The CSV created while spitting a curse against the Ministry of Internal Affairs and Communications, which has a strong will not to analyze data in this way, is as follows. https://github.com/mima3/analyze_election/blob/master/election_area.csv
Also, since I was so impressed around here, I am pulling information on candidates from the Asahi Shimbun. The script below will remove that kind of data, so I am using it by hand if necessary.
https://github.com/mima3/analyze_election/blob/master/script/analyze_asahi.py
To use your current location in your browser, use navigator.geolocation. You can get the longitude and latitude with the following code.
if (!navigator.geolocation) {
//Processing for environments where Geolocation API cannot be used
alert('Geolocate API is not available');
}
navigator.geolocation.getCurrentPosition(function(position) {
console.log(position)
}
In the case of IE, the current position is severely displaced. This is probably because the location usage database used by Microsoft is less accurate than the location database used by Chrome and Firefox. (I'm not bad! I'm not bad!) https://social.technet.microsoft.com/Forums/ie/en-US/aea4db4e-0720-44fe-a9b8-09917e345080/geolocation-wrong-in-ie9-but-not-other-browsers
Finding out if a particular coordinate is contained in an administrative area has the same meaning as checking if a point is contained in a polygon. In the case of Python, it is good for ** basic ** if you use SymPy to judge the inside and outside of the point.

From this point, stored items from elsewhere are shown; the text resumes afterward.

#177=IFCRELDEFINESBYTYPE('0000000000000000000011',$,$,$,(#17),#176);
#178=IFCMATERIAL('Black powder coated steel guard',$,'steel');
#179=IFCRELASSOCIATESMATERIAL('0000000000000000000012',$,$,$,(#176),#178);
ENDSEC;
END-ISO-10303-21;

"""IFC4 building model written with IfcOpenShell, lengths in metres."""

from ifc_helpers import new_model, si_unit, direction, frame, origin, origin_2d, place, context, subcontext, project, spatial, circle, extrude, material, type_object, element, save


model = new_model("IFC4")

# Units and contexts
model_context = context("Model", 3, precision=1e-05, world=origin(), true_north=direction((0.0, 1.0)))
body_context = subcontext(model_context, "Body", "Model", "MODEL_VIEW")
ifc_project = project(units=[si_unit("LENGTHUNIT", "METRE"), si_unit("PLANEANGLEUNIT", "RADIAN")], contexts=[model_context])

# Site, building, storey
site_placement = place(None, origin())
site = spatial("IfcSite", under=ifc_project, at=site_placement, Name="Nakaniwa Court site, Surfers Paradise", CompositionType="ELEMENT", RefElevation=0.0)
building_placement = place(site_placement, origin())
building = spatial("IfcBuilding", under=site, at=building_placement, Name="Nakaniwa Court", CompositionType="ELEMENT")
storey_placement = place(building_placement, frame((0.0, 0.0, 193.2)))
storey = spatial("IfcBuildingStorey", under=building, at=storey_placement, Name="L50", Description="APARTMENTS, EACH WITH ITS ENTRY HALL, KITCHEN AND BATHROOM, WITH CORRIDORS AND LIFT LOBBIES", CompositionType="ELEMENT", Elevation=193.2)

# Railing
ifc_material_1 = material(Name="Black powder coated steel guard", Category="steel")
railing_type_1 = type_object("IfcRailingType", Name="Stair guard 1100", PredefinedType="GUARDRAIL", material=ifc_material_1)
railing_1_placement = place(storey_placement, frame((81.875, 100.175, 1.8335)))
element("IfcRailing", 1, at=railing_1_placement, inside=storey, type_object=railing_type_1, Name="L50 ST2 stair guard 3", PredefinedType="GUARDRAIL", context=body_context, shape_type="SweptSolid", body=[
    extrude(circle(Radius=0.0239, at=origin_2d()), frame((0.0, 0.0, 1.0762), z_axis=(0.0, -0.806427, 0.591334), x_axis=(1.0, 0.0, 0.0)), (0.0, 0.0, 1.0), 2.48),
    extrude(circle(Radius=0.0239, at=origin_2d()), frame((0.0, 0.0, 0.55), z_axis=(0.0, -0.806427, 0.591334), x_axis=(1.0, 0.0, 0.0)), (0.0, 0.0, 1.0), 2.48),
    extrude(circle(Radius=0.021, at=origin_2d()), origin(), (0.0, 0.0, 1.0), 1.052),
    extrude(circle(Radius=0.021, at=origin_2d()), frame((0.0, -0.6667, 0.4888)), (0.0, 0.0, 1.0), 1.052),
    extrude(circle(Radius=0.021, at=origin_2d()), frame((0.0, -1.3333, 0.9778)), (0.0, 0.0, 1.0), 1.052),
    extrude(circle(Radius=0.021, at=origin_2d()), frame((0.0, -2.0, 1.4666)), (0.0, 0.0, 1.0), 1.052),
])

** [Python] Use SymPy to determine inside / outside points ** http://d.hatena.ne.jp/factal/20121013
Basically I said that because this process is so slow. It would take too much time to work on tens of thousands of administrative divisions one by one.
For this reason, we have taken two measures here.
First, narrow down the number of target polygons before making a point inside / outside judgment. This is only searched if the distance between the vertices of the polygon and the specified point is within a certain range.
Specifically, the code is as follows.
election_db.py
def GetPos(self, lat, long):
"""
Get curve data associated with the current longitude and latitude
"""
m =0.005
while 1:
rows = self._getCurveId(lat, long, m).fetchall()
if rows:
break
m = m * 2
if m > 0.1:
return None
dict = {}
pt = Point(lat, long)
for r in rows:
key = r[0]
ret = self._isCrossCurveId(pt, key)
if ret:
return ret
return None
The second is to create a Polygon object in advance and register it in the database. Specifically, the implementation is as follows.
def ConvertPoly(self):
"""
Creating a polygon from the curve table
"""
#gc.enable()
#gc.set_debug(gc.DEBUG_LEAK)
sql = '''DELETE FROM polygon'''
self._conn.execute(sql)
sql = '''select curve_id,lat,lng from curve order by curve_id'''
rows = self._conn.execute(sql)
dict = {}
for r in rows:
key = r[0]
if dict.get(key) is None:
dict[key] = []
dict[key].append((r[1], r[2]))
i = 0
self.Commit()
self._conn.execute('begin')
for key in dict:
print (key + ":" + str(i))
#b = len(gc.get_objects())
self._createPoly(key, dict[key])
i = i + 1
#gc.collect()
#print str(b) + ":" + str(len(gc.get_objects()))
if i % 100 == 0:
clear_cache()
self.Commit()
def _createPoly(self, key, list):
poly = Polygon(*list)
obj = pickle.dumps(poly)
sql = '''INSERT INTO polygon
(curve_id, object)
VALUES(?, ?);'''
self._conn.execute(sql, [key, obj ])
del poly
del obj
Use pickle.dumps to serialize the object. Also, sympy uses a cache mechanism, so creating a large number of objects quickly consumes a few gigabytes of memory. To avoid that, clear_chache is used to delete the cache to create 100.
Also, the conditions for outputting an exception "Polygon has intersecting sides." In the latest sympy Polygon are different between 0.7.5 and 0.7.6. In 0.7.6, the conditions are strict and it cannot be created normally with this data. Therefore, use 0.7.5 for sympy.